Friday, January 26, 2007

The business case for Google to nerf Wikipedia

One part of the recent Wikipedia rel=nofollow hullabaloo which didn't get enough play, in my opinion, was Shelley Powers' suggestion that Google remove Wikipedia from their search results entirely, and perhaps add them as a sidebar to every search. This would certainly cause much rejoicing amongst SEO professionals who fight with Wikipedia for top billing on almost every worthwhile search phrase, but what would the discussion be like if Matt Cutts and a bunch of Googlers sat round a table and jawed it over?

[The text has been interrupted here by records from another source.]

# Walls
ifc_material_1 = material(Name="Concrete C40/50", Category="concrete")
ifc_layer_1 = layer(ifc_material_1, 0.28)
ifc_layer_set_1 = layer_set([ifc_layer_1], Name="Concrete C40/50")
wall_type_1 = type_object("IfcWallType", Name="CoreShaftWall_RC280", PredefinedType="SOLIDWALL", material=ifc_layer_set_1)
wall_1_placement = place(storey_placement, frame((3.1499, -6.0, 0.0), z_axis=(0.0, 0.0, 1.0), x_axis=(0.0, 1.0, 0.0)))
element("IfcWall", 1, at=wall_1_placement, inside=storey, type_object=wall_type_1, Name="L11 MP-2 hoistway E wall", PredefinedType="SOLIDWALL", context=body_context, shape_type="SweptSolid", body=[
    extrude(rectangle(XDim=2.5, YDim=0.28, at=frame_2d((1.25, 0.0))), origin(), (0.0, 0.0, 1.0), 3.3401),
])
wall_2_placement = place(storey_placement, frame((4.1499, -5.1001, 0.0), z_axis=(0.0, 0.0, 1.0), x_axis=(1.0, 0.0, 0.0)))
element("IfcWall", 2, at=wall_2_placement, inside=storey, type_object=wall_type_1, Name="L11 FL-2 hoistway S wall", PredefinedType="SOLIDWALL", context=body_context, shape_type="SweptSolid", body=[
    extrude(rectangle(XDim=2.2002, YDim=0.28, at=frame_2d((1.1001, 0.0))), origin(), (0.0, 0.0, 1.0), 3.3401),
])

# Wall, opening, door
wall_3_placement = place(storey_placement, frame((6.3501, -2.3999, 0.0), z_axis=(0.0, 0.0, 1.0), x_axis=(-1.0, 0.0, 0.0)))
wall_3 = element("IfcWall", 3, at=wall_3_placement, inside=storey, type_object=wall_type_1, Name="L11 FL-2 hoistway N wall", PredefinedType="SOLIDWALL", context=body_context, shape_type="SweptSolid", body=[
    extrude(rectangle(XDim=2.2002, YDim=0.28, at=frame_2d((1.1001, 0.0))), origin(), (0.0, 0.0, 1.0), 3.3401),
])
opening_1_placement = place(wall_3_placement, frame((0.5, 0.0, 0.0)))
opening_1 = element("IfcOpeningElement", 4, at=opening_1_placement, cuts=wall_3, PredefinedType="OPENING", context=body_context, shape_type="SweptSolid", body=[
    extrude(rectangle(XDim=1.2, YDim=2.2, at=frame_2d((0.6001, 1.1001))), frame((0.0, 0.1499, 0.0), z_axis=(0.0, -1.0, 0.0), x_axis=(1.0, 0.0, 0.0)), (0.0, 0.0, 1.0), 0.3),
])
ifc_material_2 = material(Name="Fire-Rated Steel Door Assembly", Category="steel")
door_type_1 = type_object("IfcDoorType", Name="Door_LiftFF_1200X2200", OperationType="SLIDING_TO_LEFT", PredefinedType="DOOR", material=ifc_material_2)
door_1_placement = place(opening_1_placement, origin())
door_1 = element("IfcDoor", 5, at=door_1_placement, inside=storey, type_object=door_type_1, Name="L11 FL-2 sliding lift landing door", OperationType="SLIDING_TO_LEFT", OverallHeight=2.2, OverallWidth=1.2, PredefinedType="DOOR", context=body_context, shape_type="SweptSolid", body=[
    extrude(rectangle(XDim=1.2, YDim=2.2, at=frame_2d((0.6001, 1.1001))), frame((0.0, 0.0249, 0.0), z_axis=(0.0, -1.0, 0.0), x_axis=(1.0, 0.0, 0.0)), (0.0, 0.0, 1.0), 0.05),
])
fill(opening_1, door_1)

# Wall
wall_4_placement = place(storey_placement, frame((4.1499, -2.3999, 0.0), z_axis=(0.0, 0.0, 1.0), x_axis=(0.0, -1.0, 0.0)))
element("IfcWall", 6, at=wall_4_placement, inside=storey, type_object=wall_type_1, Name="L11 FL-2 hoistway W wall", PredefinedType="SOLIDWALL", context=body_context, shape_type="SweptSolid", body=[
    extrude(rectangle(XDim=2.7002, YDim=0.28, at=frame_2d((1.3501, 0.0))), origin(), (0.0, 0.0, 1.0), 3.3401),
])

First, it must be said that Wikipedia is just the sort of content that Google wants to link to. Structured prose, highly subject-specific, stuffed with keywords, nice and lengthy, and arguably the best linklove in the business. I don't think removing it altogether is going to fly. As to whether they get relegated to a sidebar, I don't think that's out of the question.

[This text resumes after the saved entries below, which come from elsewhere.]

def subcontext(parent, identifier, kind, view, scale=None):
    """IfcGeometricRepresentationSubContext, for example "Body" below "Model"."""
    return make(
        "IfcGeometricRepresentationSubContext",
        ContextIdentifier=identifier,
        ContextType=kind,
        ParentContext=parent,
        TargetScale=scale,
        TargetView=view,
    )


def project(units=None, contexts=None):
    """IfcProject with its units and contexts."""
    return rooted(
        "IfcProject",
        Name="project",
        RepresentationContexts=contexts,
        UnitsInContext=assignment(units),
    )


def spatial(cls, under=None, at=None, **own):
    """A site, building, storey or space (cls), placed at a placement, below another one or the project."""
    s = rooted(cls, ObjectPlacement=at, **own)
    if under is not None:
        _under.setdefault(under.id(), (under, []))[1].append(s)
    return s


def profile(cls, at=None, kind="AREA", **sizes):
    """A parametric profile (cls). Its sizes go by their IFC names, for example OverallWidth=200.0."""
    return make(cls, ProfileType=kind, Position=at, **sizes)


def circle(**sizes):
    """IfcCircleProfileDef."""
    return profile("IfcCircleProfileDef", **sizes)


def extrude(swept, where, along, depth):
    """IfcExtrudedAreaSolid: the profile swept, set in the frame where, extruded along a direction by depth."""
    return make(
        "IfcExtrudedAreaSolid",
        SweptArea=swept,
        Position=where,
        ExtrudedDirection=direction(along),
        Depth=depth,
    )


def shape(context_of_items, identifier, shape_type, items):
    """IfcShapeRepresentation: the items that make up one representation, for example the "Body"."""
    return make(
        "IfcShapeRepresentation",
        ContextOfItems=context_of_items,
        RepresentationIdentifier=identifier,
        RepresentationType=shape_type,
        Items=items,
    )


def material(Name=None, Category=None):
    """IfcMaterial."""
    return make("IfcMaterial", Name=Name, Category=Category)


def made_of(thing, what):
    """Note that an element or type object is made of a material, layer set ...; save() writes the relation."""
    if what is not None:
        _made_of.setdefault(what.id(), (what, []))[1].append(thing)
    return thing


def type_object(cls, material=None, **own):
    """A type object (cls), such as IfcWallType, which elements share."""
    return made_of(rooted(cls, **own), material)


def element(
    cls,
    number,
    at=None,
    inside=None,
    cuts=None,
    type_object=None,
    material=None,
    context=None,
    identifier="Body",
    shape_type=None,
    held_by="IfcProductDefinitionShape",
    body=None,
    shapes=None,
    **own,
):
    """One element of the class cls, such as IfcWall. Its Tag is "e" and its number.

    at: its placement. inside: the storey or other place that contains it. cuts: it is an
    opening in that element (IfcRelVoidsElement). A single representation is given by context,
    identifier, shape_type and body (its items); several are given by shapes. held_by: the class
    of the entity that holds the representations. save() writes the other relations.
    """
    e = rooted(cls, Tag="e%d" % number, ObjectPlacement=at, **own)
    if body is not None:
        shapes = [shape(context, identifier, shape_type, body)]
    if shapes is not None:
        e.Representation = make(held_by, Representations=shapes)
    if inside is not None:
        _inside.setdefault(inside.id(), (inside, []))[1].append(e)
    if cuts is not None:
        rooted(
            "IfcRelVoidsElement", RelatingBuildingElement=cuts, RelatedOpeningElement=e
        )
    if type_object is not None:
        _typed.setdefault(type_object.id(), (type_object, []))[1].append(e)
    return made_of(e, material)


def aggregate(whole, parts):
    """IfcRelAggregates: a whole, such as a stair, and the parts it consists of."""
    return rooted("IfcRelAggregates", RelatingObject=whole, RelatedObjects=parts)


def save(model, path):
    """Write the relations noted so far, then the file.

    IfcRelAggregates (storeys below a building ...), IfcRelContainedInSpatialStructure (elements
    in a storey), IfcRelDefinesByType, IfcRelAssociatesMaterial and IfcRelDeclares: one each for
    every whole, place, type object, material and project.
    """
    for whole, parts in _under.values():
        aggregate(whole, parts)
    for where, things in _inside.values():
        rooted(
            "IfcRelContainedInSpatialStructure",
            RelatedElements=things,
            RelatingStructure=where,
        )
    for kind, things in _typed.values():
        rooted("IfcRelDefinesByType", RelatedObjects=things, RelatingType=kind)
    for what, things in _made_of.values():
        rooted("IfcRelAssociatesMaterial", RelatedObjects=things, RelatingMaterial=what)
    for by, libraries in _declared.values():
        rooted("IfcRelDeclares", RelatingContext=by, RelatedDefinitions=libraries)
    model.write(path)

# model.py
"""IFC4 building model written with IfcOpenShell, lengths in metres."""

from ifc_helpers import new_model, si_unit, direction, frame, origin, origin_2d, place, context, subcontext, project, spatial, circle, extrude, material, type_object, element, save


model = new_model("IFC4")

Second, let's look at the bottom line and be a teensy bit cynical about the big G's motives for a second. Would pushing Wikipedia below the fold increase Google's revenues from AdSense? It would need to be tested, but I'm guessing it would boost revenues significantly. My guess is that users' eyes (and mouse arrow) would gravitate towards the trusted Wikipedia entry if it's above the fold in #1-3 result position, but if it's not there then the average user's attention would wander more frequently to the AdSense positions. Not by a lot, but given the volumes we're talking about here it would add a considerable amount to Google's revenues.

Third, would it hurt the user experience? Some argue that it's pretty ridiculous that Wikipedia is on the front page of Google results for every damn thing. It's getting to the stage where if you're looking for non-encyclopedic content, the Wikipedia result is actively getting in the way of your search experience. On the other hand, many people use Google as their Wikipedia search engine, so they might be discouraged by the shifting of the result to a less accessible place and stop using Google.

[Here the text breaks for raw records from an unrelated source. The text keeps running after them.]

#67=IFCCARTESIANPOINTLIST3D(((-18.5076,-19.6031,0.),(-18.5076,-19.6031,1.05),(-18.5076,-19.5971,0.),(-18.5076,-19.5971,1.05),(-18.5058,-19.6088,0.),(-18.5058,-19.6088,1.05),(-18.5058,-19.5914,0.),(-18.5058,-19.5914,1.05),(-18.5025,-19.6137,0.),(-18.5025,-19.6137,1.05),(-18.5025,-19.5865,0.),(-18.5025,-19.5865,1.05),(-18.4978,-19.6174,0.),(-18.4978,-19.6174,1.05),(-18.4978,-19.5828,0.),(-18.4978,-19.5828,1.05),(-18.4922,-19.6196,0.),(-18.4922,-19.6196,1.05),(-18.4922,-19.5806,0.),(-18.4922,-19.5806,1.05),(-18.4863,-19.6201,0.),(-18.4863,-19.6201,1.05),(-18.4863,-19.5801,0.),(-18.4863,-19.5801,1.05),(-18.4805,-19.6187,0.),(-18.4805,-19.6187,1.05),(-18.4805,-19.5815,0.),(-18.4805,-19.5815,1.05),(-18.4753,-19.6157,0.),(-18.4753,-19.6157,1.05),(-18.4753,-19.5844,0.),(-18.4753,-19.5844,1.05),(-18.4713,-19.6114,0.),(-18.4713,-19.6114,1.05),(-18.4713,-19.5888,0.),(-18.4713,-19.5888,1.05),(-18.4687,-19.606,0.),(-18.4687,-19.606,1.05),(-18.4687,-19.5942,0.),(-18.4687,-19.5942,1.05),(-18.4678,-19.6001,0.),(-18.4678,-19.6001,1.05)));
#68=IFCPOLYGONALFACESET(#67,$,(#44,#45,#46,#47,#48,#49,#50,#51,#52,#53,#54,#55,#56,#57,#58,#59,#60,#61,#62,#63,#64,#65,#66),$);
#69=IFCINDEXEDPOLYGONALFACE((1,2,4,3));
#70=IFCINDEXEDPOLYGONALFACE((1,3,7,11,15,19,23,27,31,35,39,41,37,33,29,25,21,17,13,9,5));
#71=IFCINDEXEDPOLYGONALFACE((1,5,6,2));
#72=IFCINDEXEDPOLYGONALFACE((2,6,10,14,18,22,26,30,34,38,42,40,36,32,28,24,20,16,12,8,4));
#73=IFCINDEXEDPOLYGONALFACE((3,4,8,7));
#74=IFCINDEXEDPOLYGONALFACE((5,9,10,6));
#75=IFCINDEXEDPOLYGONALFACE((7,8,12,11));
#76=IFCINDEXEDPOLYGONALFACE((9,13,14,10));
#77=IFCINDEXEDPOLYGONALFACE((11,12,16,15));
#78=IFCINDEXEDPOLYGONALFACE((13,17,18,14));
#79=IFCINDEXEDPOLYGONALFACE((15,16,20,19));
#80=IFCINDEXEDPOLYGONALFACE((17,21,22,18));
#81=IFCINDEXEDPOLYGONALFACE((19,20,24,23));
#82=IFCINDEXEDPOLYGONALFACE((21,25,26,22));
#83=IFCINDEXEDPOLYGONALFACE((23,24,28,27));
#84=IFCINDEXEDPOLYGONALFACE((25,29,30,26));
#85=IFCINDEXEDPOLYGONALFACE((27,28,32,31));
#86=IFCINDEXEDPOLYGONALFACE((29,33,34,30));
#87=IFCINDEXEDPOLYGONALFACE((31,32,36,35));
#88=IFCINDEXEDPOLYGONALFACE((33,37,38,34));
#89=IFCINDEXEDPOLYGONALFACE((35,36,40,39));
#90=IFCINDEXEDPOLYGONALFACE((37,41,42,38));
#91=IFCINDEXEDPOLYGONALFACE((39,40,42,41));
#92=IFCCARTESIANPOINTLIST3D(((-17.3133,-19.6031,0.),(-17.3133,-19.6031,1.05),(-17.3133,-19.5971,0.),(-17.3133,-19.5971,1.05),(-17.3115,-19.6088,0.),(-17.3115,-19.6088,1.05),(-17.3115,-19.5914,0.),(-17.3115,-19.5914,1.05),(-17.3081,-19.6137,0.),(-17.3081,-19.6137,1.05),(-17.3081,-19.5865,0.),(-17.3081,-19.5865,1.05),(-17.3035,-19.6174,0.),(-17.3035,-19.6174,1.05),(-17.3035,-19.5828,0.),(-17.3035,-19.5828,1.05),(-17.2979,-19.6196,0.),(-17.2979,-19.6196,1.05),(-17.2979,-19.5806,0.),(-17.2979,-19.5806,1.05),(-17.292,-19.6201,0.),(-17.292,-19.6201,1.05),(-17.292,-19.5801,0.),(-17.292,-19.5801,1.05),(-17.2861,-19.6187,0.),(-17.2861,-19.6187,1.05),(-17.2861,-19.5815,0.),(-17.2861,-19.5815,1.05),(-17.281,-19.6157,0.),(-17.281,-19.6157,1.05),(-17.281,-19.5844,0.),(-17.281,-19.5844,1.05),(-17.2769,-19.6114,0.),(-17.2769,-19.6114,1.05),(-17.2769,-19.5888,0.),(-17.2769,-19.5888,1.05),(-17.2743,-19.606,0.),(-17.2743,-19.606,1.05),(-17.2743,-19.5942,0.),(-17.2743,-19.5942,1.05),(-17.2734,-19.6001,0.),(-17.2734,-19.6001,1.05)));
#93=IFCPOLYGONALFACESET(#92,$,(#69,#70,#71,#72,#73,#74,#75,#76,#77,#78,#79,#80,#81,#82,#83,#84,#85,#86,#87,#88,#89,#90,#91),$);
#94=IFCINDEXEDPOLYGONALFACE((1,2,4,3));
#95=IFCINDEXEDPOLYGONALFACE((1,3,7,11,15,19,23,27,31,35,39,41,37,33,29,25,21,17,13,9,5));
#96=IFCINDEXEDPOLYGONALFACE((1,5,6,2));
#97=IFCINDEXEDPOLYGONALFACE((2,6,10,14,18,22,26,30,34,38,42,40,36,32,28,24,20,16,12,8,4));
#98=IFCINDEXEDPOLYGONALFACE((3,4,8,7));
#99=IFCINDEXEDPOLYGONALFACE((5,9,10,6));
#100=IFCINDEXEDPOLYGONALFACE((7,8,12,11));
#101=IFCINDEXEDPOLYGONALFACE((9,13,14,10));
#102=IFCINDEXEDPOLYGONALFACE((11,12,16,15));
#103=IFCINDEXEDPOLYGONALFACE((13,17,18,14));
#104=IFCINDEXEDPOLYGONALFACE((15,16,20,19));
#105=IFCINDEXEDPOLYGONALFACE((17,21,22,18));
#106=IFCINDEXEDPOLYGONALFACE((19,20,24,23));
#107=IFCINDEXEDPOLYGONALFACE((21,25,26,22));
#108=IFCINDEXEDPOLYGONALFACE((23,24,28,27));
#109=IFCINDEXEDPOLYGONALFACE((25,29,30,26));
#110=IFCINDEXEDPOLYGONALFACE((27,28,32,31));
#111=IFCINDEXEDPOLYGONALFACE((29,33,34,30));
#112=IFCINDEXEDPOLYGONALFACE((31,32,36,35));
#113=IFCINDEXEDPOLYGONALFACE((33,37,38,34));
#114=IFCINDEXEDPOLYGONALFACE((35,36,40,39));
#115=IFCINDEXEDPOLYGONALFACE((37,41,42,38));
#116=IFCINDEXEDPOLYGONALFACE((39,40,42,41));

Last, does it violate Google's culture? It might be argued that it's a little bit evil, but there are arguments on the other side as well to say that it would be good for users. It is also, arguably, a perversion of search engine ethics since the only results you should really be tampering with are those from other search engines, for obvious reasons. Wikipedia is not a search engine. But is it a special case which requires a new rule? Google might even be helping Wikipedia if the campaign to add rel=nofollow to all Wikipedia links (which now has a Drupal module and a Wordpress module) gains traction.

I would love to be a fly on the wall for any real discussion about nerfing Wikipedia (or IMdB or or other SEO category killers, as Everton Blair points out) on the Google campus. I'm sure they'd bring up other points, but the above is how I imagine it to be framed on the whole. What will they decide, if they ever do meet about this?